Записав имя, фамилию и занятие явившегося с повинной, глубоко пораженный помощник полицейского комиссара приступил к допросу:
— Что толкнуло вас на преступление, в котором вы признаете себя виновным?
— Это не преступление, сударь, а справедливое возмездие. Так по крайней мере говорит один человек, и я ему верю.
— Кто он такой?
— Неужели вы принимаете меня за доносчика?
— Объясните в таком случае, чем было вызвано то, что вы называете «справедливым возмездием»? Почему вы покушались на жизнь господина Руссерана?
— Мы считали его своим благодетелем, а он обесчестил мою сестру.
— Чем вы можете это доказать?
Никаких конкретных доказательств Огюст представить не мог. Ведь даже Анжела ему не призналась! Он чистосердечно поведал о своей беседе с сестрой, о попытке хозяина купить его молчание и заплатить деньгами за честь Анжелы. Разве это не было явной уликой?

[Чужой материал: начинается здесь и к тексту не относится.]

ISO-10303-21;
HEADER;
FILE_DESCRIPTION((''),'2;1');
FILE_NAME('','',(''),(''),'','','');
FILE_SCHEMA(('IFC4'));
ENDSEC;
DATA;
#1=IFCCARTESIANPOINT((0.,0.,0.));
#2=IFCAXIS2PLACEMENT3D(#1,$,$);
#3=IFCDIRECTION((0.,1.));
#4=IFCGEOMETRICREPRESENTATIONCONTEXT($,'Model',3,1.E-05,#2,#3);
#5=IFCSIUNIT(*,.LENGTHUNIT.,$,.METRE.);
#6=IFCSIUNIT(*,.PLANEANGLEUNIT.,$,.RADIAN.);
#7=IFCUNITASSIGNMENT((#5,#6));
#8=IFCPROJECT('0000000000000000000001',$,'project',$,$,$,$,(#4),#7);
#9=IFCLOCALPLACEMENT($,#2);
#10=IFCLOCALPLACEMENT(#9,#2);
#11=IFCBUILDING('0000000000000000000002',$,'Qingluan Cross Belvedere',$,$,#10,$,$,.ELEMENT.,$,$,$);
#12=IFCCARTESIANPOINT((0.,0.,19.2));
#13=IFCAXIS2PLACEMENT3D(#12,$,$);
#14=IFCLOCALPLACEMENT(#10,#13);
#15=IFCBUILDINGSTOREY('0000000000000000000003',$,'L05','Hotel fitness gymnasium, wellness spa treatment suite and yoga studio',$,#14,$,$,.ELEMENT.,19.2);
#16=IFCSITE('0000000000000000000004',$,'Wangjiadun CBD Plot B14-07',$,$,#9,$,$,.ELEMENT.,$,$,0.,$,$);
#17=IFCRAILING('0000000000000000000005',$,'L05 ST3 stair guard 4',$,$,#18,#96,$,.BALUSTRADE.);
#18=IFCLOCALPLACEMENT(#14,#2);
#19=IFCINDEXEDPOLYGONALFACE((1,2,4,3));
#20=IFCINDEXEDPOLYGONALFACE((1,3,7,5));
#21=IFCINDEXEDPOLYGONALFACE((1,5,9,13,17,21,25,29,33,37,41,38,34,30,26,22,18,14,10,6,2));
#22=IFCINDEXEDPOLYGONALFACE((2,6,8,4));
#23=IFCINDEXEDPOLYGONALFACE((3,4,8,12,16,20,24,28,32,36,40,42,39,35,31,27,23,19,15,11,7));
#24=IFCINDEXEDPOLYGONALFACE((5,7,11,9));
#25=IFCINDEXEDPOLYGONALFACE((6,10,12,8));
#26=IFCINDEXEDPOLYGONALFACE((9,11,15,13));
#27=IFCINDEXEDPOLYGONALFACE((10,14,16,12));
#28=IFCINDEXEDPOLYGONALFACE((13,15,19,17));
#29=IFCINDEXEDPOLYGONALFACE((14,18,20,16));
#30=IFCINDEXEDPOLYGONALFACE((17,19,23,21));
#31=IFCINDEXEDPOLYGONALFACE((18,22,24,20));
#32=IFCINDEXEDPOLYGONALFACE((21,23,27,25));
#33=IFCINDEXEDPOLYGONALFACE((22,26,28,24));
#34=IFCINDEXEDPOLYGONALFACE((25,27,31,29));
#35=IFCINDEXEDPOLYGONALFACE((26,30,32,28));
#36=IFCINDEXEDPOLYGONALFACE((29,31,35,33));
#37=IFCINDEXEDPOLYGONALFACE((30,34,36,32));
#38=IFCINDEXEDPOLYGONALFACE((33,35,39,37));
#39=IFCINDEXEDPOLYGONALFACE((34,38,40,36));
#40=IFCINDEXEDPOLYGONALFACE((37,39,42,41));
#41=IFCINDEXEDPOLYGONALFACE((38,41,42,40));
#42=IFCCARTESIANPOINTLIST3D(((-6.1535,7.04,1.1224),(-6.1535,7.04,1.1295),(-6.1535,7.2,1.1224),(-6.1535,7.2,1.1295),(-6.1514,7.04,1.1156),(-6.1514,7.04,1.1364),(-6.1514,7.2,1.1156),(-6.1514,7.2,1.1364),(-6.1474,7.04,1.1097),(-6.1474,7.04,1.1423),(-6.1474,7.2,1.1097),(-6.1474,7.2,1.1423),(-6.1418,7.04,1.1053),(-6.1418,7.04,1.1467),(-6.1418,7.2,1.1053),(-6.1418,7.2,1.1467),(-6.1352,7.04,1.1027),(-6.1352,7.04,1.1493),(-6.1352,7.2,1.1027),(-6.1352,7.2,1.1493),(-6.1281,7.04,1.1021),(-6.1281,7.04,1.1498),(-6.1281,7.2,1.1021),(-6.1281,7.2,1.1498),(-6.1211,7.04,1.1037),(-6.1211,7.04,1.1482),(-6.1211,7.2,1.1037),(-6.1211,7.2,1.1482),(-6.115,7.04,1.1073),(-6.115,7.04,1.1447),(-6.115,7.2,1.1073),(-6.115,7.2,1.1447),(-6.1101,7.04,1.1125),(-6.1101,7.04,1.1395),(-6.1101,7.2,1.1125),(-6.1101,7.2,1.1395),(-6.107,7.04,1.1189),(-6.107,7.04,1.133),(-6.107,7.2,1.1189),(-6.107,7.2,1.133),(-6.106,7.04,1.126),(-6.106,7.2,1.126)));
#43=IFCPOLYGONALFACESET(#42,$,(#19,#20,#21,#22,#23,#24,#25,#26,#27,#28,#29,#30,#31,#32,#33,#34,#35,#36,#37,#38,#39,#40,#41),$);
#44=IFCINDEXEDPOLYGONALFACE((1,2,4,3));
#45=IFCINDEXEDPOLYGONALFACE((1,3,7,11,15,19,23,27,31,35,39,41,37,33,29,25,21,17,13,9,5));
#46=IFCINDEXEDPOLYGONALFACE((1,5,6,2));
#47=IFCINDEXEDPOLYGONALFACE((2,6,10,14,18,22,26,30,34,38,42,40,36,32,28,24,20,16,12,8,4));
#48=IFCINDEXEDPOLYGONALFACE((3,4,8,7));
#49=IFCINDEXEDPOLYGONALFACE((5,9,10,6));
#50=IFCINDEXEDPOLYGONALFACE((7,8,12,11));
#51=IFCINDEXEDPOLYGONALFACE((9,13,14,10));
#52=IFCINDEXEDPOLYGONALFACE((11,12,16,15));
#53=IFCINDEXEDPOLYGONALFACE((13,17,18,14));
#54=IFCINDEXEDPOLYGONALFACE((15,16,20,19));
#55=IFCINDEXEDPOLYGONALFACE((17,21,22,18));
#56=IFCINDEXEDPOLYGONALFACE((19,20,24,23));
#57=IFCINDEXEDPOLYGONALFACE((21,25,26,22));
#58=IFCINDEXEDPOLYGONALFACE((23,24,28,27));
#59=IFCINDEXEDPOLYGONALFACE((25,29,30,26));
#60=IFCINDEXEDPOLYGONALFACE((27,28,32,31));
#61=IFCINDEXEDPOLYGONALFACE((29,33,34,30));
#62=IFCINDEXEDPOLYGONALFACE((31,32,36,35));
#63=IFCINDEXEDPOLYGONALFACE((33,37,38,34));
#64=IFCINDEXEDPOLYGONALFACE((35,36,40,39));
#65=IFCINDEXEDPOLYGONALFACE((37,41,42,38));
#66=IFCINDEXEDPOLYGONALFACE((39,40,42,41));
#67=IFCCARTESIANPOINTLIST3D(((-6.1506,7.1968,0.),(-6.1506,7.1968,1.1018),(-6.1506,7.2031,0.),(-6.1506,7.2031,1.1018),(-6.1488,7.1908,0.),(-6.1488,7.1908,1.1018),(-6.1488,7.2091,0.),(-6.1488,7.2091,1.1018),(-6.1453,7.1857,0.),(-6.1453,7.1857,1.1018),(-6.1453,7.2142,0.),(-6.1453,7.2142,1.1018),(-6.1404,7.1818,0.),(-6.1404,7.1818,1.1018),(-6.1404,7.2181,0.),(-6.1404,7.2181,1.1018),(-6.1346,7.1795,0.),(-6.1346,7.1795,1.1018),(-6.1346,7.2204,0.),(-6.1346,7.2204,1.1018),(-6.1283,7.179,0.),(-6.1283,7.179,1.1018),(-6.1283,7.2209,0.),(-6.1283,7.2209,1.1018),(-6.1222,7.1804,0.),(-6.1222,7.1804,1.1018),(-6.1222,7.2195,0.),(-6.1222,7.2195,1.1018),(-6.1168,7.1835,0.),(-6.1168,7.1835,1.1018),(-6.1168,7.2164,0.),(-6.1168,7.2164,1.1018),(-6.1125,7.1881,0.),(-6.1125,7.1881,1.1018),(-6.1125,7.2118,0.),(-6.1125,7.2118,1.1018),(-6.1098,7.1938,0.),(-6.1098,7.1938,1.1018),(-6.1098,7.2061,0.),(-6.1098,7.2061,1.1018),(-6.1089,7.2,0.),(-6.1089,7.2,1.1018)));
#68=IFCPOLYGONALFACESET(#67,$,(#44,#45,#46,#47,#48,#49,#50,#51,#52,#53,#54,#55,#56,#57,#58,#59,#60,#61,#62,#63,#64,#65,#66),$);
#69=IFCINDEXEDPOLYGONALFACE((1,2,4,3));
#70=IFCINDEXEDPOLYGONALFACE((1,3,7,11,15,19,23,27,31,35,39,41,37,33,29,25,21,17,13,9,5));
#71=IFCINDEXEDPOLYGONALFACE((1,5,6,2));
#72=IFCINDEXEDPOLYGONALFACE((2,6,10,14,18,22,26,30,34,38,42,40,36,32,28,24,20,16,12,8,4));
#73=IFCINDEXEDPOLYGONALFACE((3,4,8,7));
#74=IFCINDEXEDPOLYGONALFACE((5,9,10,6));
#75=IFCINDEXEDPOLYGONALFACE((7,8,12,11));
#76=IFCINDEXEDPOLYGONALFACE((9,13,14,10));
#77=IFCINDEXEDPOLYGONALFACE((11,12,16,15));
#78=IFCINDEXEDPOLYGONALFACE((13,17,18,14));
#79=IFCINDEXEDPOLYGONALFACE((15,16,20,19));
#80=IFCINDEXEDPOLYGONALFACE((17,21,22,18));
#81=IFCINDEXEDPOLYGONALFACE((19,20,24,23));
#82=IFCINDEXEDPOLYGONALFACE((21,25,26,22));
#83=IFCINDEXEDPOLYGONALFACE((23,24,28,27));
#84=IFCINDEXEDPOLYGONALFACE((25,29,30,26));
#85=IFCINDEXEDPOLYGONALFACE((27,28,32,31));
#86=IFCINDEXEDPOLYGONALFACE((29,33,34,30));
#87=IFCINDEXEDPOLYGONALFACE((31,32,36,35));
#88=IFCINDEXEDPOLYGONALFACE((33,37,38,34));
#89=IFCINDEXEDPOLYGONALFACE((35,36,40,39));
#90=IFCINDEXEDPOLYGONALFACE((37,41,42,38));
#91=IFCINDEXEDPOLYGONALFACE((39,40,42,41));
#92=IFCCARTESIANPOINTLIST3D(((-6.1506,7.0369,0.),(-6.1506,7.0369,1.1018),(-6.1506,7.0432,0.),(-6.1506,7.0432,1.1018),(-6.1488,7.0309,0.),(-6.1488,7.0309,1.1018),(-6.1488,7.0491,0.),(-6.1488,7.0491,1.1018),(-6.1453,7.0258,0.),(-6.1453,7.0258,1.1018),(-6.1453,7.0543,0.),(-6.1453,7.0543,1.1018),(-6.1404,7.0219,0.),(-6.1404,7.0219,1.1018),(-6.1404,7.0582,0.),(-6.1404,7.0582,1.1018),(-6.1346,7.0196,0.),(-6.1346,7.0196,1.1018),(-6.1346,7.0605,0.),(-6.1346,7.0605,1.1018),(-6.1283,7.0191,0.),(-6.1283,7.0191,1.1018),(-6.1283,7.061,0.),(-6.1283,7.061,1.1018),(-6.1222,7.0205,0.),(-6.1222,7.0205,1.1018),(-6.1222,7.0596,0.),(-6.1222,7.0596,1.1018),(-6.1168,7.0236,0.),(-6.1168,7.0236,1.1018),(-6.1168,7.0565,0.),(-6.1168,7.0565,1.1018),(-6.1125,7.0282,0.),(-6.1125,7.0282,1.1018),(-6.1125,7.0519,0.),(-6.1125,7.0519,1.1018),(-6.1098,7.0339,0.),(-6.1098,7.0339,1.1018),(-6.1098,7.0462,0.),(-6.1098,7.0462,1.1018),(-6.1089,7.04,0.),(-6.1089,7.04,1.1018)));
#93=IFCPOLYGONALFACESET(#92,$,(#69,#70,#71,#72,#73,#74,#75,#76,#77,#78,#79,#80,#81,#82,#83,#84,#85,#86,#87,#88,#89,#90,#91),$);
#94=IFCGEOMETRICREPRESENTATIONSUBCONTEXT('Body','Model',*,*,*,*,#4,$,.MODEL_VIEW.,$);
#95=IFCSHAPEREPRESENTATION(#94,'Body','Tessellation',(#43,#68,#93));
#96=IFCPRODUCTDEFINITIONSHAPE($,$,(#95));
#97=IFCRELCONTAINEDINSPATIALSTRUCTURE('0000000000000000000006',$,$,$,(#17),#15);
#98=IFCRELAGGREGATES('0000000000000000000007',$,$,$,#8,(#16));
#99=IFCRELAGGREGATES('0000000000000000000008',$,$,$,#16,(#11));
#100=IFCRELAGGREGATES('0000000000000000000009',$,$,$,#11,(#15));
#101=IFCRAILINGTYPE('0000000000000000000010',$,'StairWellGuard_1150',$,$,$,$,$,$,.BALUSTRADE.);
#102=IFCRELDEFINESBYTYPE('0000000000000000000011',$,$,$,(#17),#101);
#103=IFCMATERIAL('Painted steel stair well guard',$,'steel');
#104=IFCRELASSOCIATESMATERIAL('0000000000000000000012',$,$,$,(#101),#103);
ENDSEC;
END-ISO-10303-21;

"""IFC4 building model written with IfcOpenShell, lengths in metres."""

from ifc_helpers import new_model, si_unit, direction, frame, origin, origin_2d, place, context, subcontext, project, spatial, circle, extrude, material, type_object, element, save


model = new_model("IFC4")

# Units and contexts
model_context = context("Model", 3, precision=1e-05, world=origin(), true_north=direction((0.0, 1.0)))
body_context = subcontext(model_context, "Body", "Model", "MODEL_VIEW")
ifc_project = project(units=[si_unit("LENGTHUNIT", "METRE"), si_unit("PLANEANGLEUNIT", "RADIAN")], contexts=[model_context])

# Site, building, storey
site_placement = place(None, origin())
site = spatial("IfcSite", under=ifc_project, at=site_placement, Name="Wangjiadun CBD Plot B14-07", CompositionType="ELEMENT", RefElevation=0.0)
building_placement = place(site_placement, origin())
building = spatial("IfcBuilding", under=site, at=building_placement, Name="Qingluan Cross Belvedere", CompositionType="ELEMENT")
storey_placement = place(building_placement, frame((0.0, 0.0, 19.2)))
storey = spatial("IfcBuildingStorey", under=building, at=storey_placement, Name="L05", Description="Hotel fitness gymnasium, wellness spa treatment suite and yoga studio", CompositionType="ELEMENT", Elevation=19.2)

# Railing
ifc_material_1 = material(Name="Painted steel stair well guard", Category="steel")
railing_type_1 = type_object("IfcRailingType", Name="StairWellGuard_1150", PredefinedType="BALUSTRADE", material=ifc_material_1)
railing_1_placement = place(storey_placement, frame((-6.1299, 7.2, 0.0)))
element("IfcRailing", 1, at=railing_1_placement, inside=storey, type_object=railing_type_1, Name="L05 ST3 stair guard 4", PredefinedType="BALUSTRADE", context=body_context, shape_type="SweptSolid", body=[
    extrude(circle(Radius=0.0239, at=origin_2d()), frame((0.0, 0.0, 1.126), z_axis=(0.0, -1.0, 0.0), x_axis=(1.0, 0.0, 0.0)), (0.0, 0.0, 1.0), 0.1599),
    extrude(circle(Radius=0.021, at=origin_2d()), origin(), (0.0, 0.0, 1.0), 1.1018),
    extrude(circle(Radius=0.021, at=origin_2d()), frame((0.0, -0.1599, 0.0)), (0.0, 0.0, 1.0), 1.1018),
])

save(model, "model.ifc")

Помощник комиссара снова спросил, чем Огюст может подтвердить свои слова.
— Но, сударь, ведь хозяин-то не умер, — возразил юноша, — стало быть, он сам может сказать, солгал ли я?
Помощник комиссара предложил Огюсту подробно изложить все обстоятельства дела, а затем приказал взять юношу под стражу. Сопровождаемый двумя полицейскими, один из которых держал за руку маленького Алкида, молодой Бродар был отправлен в тюрьму, где уже находились его отец и сестра.
XXXII. Встреча
Расставшись с Огюстом, Леон-Поль направился к особняку Руссеранов. Дойдя до изящной решетки из кованого железа, он присел на скамейку и стал обдумывать, что скажет жене предпринимателя, пытаясь в то же время предугадать, что собиралась сообщить ему г-жа Руссеран.
Перед особняком, построенным в стиле Людовика XV, все еще слонялось много народу. Хотя было известно, что жизнь заводчика вне опасности, весь квартал не переставал волноваться. Знали и о не совсем обычной причине нападения, и смелость покушавшегося возбуждала интерес публики.
Среди любопытных Леон-Поль приметил одного старика. Его густая борода и седые волосы, высокий рост, лукавое выражение тонкого лица привлекли внимание бывшего учителя. С безразличным видом старик прогуливался вдоль решетки. Поравнявшись с той или иной группой зевак, он внимательно прислушивался к их разговорам. За ним, словно тень, следовал человечек в черном мешковатом сюртуке, покрой которого вполне гармонировал с физиономией владельца. Сдвинутый на затылок цилиндр придавал этому коротышке вид праздного гуляки, несмотря на настороженное выражение лица и испытующий взгляд. Время от времени он обменивался со стариком несколькими словами или жестами.
Наконец старик уселся рядом с учителем и осведомился, проживает ли он в этом квартале.
— Не более, чем вы, — ответил Леон-Поль.
— Почему вы решили, что я нездешний?
— Потому что у вас лиманский акцент[45], если не ошибаюсь.
— Черт побери, — улыбаясь, сказал старик, — значит, я понапрасну сделал кругосветное путешествие, раз не сумел избавиться от акцента, из-за которого меня, того и гляди, примут за торговца кроличьими шкурками. Держу пари на тысячу франков, что вы такой же овернец, как и я.
— Побейся кто-нибудь с вами об заклад, вы бы выиграли.
— Из какого же места вы родом?
— Из Сен-Сирга.
Старик пристально посмотрел на собеседника и спросил:
— Знаете ли вы, кто я?
— Не имею чести, — ответил бывший учитель.
— Меня зовут Максис де Сен-Сирг.
Учитель поднялся, снял фуражку и почтительно поклонился.
— А я — Леон-Поль, — представился он, — анонимный автор «Ошибки». Вы помешали моей литературной карьере, уничтожив весь тираж моего первого произведения, напечатанного с немалым трудом. Впрочем, — продолжал учитель, протягивая Сен-Сиргу руку, которую тот дружески пожал, — книга ни черта не стоила, хотя я некоторое время сердился на вас за этот поступок, сам не знаю почему.
— Простите меня, сударь! Я тщетно искал вас, чтобы возместить понесенные вами убытки. Мне крайне важно было предотвратить огласку семейной драмы, в которой вы увидели только опровержение кое-каких социальных теорий. Вы не имели права выносить ее на суд публики. Несмотря на то, что вы позаботились изменить место действия и имена персонажей, многие могли бы их узнать, и я, выведенный у вас под именем Понт-Эстрада, не избежал бы насмешек. Описанные вами события задевали честь человека, который долгое время был мне близок, как родной сын… — Он вздохнул. — Вот почему я вынужден был сжечь весь тираж «Ошибки».